Le président du Conseil européen, Antonio Costa, a réaffirmé dimanche le soutien de l’Union européenne au « choix démocratique » exprimé par les électeurs islandais, après leur refus de reprendre les négociations d’adhésion à l’UE lors d’un référendum. Selon nos confrères du Figaro, cette position a été communiquée à la Première ministre islandaise, Kristrún Fjeldstedóttir, lors d’un échange téléphonique.
Au cœur de cet entretien, le dirigeant européen a souligné que Bruxelles « respecte pleinement le choix démocratique » des Islandais, une déclaration relayée par un porte-parole du Conseil européen.
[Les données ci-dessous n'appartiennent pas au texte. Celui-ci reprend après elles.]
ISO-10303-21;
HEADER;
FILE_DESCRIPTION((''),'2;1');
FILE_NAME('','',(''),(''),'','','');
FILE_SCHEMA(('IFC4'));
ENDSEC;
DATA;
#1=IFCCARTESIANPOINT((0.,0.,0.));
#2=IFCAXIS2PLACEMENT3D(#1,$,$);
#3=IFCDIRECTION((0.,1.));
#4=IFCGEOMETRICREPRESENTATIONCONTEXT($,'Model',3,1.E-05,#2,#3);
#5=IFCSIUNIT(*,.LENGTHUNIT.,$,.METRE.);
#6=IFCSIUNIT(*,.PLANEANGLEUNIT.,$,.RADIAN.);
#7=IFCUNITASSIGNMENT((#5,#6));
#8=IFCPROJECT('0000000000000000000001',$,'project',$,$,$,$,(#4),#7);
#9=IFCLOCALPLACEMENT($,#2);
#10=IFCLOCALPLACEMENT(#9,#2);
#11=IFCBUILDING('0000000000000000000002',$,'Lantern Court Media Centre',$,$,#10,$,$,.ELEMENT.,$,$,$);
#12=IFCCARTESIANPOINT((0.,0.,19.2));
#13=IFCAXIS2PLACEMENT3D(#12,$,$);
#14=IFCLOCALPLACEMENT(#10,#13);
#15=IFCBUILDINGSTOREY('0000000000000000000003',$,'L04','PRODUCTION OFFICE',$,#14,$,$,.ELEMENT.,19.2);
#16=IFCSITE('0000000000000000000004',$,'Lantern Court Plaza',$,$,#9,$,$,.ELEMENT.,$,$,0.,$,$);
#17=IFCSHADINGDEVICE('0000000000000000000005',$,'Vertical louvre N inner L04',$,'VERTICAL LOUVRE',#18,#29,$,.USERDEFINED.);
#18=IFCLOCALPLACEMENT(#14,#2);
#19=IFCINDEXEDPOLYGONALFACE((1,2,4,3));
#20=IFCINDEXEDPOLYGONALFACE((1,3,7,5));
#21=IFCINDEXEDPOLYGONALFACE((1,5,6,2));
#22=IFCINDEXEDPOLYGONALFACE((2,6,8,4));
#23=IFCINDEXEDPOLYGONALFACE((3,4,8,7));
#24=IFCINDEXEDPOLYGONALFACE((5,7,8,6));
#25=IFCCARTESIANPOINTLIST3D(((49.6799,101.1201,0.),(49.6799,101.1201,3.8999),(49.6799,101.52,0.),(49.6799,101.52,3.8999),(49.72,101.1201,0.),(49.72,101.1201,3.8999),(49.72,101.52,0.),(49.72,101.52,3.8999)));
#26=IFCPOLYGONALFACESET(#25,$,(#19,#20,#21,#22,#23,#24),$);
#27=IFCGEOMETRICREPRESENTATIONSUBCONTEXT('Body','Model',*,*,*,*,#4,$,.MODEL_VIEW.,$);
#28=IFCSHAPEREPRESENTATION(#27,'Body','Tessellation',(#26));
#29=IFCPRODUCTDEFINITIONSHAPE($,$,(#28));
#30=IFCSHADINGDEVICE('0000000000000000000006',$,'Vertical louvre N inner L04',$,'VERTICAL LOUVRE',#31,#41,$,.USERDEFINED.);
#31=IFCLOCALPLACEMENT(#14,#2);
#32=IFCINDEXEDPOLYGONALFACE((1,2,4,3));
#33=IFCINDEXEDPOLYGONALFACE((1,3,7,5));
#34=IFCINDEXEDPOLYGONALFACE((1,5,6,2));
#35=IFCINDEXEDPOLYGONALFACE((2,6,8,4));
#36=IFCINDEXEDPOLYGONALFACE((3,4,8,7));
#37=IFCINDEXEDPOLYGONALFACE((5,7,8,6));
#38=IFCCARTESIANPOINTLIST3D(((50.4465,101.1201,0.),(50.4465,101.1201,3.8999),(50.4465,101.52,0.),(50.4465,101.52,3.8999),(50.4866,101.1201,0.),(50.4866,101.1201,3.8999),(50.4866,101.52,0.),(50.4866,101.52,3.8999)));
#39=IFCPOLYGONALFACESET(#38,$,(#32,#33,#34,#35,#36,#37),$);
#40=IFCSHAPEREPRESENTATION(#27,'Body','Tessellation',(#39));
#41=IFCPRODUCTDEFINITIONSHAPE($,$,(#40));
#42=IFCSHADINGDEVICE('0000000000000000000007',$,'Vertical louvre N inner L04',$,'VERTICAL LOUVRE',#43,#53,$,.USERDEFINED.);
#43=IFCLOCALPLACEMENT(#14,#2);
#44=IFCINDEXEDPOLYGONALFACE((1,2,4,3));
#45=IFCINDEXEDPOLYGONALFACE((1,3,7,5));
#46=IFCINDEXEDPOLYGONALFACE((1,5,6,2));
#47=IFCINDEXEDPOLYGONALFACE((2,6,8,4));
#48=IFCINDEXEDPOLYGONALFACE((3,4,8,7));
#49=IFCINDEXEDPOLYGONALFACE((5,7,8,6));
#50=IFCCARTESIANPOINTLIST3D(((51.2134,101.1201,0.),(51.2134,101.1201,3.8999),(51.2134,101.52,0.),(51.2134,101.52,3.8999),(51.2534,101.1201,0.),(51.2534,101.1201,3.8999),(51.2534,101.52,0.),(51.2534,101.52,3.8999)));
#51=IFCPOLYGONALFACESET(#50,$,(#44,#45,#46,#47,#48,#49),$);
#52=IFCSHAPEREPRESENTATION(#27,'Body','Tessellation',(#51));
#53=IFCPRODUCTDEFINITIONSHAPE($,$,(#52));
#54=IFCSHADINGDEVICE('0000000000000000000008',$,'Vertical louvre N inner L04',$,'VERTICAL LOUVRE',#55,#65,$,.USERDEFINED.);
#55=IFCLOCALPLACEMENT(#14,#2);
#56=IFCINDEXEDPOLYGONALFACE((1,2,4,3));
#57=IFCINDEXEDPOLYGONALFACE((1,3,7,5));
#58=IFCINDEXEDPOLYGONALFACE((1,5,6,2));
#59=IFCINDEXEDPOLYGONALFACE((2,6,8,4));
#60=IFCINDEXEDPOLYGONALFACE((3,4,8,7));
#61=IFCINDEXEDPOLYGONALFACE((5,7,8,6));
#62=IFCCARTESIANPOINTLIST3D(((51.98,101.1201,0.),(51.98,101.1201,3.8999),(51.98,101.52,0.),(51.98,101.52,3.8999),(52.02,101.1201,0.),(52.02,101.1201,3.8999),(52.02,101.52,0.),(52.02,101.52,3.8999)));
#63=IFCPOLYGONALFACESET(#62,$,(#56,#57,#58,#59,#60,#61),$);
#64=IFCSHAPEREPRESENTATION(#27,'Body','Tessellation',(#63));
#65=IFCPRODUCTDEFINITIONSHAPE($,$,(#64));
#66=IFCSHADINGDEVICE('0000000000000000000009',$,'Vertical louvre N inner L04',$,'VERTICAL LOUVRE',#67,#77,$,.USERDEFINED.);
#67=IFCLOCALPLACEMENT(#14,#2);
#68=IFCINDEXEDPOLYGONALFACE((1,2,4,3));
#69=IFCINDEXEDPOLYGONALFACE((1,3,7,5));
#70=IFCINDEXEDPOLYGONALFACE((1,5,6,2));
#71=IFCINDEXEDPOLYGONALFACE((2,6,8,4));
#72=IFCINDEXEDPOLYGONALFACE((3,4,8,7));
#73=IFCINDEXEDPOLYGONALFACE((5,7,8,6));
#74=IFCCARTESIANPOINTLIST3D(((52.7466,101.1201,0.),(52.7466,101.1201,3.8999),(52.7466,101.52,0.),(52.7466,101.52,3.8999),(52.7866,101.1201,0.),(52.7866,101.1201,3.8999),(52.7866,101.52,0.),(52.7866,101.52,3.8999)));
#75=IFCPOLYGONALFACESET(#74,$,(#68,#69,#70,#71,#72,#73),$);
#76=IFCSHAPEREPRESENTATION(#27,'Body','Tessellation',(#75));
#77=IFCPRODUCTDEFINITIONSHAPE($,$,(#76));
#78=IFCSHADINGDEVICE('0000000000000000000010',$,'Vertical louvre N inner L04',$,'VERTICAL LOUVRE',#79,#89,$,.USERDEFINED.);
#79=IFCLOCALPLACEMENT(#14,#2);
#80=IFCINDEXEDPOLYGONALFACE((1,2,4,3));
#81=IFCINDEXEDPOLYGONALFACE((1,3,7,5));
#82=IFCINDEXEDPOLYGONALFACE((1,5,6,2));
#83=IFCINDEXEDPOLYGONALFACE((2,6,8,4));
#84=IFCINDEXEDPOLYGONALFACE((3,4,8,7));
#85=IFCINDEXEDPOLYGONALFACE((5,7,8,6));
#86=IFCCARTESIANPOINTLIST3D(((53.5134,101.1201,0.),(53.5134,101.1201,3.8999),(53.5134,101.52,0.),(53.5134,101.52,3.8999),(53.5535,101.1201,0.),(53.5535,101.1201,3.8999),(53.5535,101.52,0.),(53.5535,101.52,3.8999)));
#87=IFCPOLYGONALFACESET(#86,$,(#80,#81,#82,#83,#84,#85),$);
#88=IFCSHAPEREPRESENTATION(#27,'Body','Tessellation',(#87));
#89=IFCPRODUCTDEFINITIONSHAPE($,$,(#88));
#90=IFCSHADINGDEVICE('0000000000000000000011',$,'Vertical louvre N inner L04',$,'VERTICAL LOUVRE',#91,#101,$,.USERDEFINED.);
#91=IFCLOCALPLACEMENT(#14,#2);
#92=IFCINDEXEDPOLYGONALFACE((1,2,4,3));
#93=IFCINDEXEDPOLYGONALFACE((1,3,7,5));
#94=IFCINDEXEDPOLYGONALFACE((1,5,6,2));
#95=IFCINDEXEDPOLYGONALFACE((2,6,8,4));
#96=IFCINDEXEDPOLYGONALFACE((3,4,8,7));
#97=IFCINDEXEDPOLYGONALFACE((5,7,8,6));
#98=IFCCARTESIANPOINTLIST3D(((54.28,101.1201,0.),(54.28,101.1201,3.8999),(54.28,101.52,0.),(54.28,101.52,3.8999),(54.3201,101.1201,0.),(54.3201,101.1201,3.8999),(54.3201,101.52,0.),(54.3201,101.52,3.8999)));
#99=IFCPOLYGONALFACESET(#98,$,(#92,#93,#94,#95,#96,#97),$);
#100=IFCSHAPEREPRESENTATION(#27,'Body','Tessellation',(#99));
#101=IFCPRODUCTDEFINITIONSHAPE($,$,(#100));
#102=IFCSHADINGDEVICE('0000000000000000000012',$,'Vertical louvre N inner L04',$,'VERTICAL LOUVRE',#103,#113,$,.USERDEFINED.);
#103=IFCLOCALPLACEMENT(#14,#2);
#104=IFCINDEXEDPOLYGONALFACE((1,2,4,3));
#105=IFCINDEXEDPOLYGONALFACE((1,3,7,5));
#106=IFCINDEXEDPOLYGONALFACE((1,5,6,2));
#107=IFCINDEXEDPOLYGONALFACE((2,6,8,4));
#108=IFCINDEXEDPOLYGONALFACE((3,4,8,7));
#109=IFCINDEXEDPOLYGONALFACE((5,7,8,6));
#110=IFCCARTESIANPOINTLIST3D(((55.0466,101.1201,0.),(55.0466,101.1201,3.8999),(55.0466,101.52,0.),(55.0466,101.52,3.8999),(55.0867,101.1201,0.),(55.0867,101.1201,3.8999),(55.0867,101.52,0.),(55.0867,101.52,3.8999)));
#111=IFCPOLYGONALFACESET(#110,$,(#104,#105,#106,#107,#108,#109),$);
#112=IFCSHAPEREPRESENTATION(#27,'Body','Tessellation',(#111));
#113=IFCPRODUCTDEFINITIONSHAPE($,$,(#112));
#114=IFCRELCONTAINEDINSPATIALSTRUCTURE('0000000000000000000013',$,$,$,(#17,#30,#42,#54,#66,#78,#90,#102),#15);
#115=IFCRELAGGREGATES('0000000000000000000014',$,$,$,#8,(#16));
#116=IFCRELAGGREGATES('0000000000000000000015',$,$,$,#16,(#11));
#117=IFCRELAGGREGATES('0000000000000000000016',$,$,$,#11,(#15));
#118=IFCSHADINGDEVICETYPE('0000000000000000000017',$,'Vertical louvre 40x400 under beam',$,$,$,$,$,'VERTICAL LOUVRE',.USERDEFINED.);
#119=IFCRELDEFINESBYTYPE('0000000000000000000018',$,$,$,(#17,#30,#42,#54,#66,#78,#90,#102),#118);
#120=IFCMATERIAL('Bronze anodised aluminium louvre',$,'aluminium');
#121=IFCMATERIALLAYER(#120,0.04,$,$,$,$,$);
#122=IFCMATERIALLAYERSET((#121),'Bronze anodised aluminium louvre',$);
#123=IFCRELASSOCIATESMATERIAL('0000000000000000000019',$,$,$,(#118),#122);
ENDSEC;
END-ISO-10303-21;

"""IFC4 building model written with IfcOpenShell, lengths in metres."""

from ifc_helpers import new_model, si_unit, direction, frame, origin, origin_2d, place, context, subcontext, project, spatial, rectangle, extrude, material, layer, layer_set, type_object, element, save


model = new_model("IFC4")

# Units and contexts
model_context = context("Model", 3, precision=1e-05, world=origin(), true_north=direction((0.0, 1.0)))
body_context = subcontext(model_context, "Body", "Model", "MODEL_VIEW")
ifc_project = project(units=[si_unit("LENGTHUNIT", "METRE"), si_unit("PLANEANGLEUNIT", "RADIAN")], contexts=[model_context])

# Site, building, storey
site_placement = place(None, origin())
site = spatial("IfcSite", under=ifc_project, at=site_placement, Name="Lantern Court Plaza", CompositionType="ELEMENT", RefElevation=0.0)
building_placement = place(site_placement, origin())
building = spatial("IfcBuilding", under=site, at=building_placement, Name="Lantern Court Media Centre", CompositionType="ELEMENT")
storey_placement = place(building_placement, frame((0.0, 0.0, 19.2)))
storey = spatial("IfcBuildingStorey", under=building, at=storey_placement, Name="L04", Description="PRODUCTION OFFICE", CompositionType="ELEMENT", Elevation=19.2)

# Shading devices
ifc_material_1 = material(Name="Bronze anodised aluminium louvre", Category="aluminium")
ifc_layer_1 = layer(ifc_material_1, 0.04)
ifc_layer_set_1 = layer_set([ifc_layer_1], Name="Bronze anodised aluminium louvre")
shading_device_type = type_object("IfcShadingDeviceType", Name="Vertical louvre 40x400 under beam", ElementType="VERTICAL LOUVRE", PredefinedType="USERDEFINED", material=ifc_layer_set_1)
for number, where, z_axis, x_axis, name in (
    (1, (49.7, 101.3201, 0.0), (0.0, 0.0, 1.0), (1.0, 0.0, 0.0), "Vertical louvre N inner L04"),
    (2, (50.4666, 101.3201, 0.0), (0.0, 0.0, 1.0), (1.0, 0.0, 0.0), "Vertical louvre N inner L04"),
    (3, (51.2334, 101.3201, 0.0), (0.0, 0.0, 1.0), (1.0, 0.0, 0.0), "Vertical louvre N inner L04"),
    (4, (52.0, 101.3201, 0.0), (0.0, 0.0, 1.0), (1.0, 0.0, 0.0), "Vertical louvre N inner L04"),
    (5, (52.7666, 101.3201, 0.0), (0.0, 0.0, 1.0), (1.0, 0.0, 0.0), "Vertical louvre N inner L04"),
    (6, (53.5334, 101.3201, 0.0), (0.0, 0.0, 1.0), (1.0, 0.0, 0.0), "Vertical louvre N inner L04"),
    (7, (54.3, 101.3201, 0.0), (0.0, 0.0, 1.0), (1.0, 0.0, 0.0), "Vertical louvre N inner L04"),
    (8, (55.0667, 101.3201, 0.0), (0.0, 0.0, 1.0), (1.0, 0.0, 0.0), "Vertical louvre N inner L04"),
):
    element("IfcShadingDevice", number, at=place(storey_placement, frame(where, z_axis=z_axis, x_axis=x_axis)), inside=storey, type_object=shading_device_type, Name=name, ObjectType="VERTICAL LOUVRE", PredefinedType="USERDEFINED", context=body_context, shape_type="SweptSolid", body=[
        extrude(rectangle(XDim=0.04, YDim=0.3999, at=origin_2d()), origin(), (0.0, 0.0, 1.0), 3.8999),
    ])

save(model, "model.ifc")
L’Islande, bien que non membre de l’UE, entretient des relations étroites avec les Vingt-Sept, notamment dans des domaines comme la pêche, l’énergie ou la sécurité.
Ce qu'il faut retenir
- Le président du Conseil européen, Antonio Costa, a déclaré que l’UE « respecte pleinement le choix démocratique » de l’Islande lors d’un entretien avec la Première ministre islandaise.
- Les négociations d’adhésion à l’UE, suspendues depuis 2015, ne seront pas relancées après le référendum islandais.
- L’Islande est qualifiée de « partenaire le plus proche et le plus fiable de l’UE » par le Conseil européen.
- Les deux dirigeants ont exprimé leur volonté de renforcer les relations bilatérales, en dehors du cadre institutionnel européen.
Un partenariat stratégique malgré le statu quo institutionnel
L’échange entre Antonio Costa et Kristrún Fjeldstedóttir a aussi permis de réaffirmer la solidité des liens entre Bruxelles et Reykjavik. Le porte-parole du Conseil européen a précisé que l’Islande reste « l’un des partenaires les plus proches et les plus fiables de l’UE », malgré son refus de rejoindre le marché unique. Cette reconnaissance s’inscrit dans un contexte où l’archipel nordique collabore déjà étroitement avec l’Union sur des enjeux communs, comme la transition énergétique ou la gestion des espaces maritimes.
Les deux parties ont également rappelé leur engagement à approfondir cette coopération, sans pour autant envisager une adhésion à court ou moyen terme. Une position partagée par une majorité d’Islandais, comme en témoigne le résultat du référendum récent.
L’Islande et l’UE : une relation complexe mais durable
L’histoire entre l’Islande et l’UE est marquée par des allers-retours. L’archipel a déposé sa candidature en 2009, en pleine crise financière, avant de geler le processus en 2015. Le référendum de 2026 confirme donc une tendance de fond : les Islandais privilégient leur souveraineté, notamment sur les questions de pêche, tout en maintenant des échanges économiques et politiques avec l’UE.
Cette relation asymétrique – l’Islande bénéficiaire des accords européens sans en être membre – illustre une forme d’intégration pragmatique. Les deux parties y trouvent leur compte : l’UE conserve un partenaire stable dans l’Atlantique Nord, tandis que l’Islande accède aux avantages du marché unique sans les contraintes institutionnelles.
En attendant, l’Union européenne et l’Islande devraient maintenir leur collaboration actuelle, en s’appuyant sur les mécanismes existants plutôt que sur une intégration formelle. Une approche qui, pour l’heure, convient aux deux camps.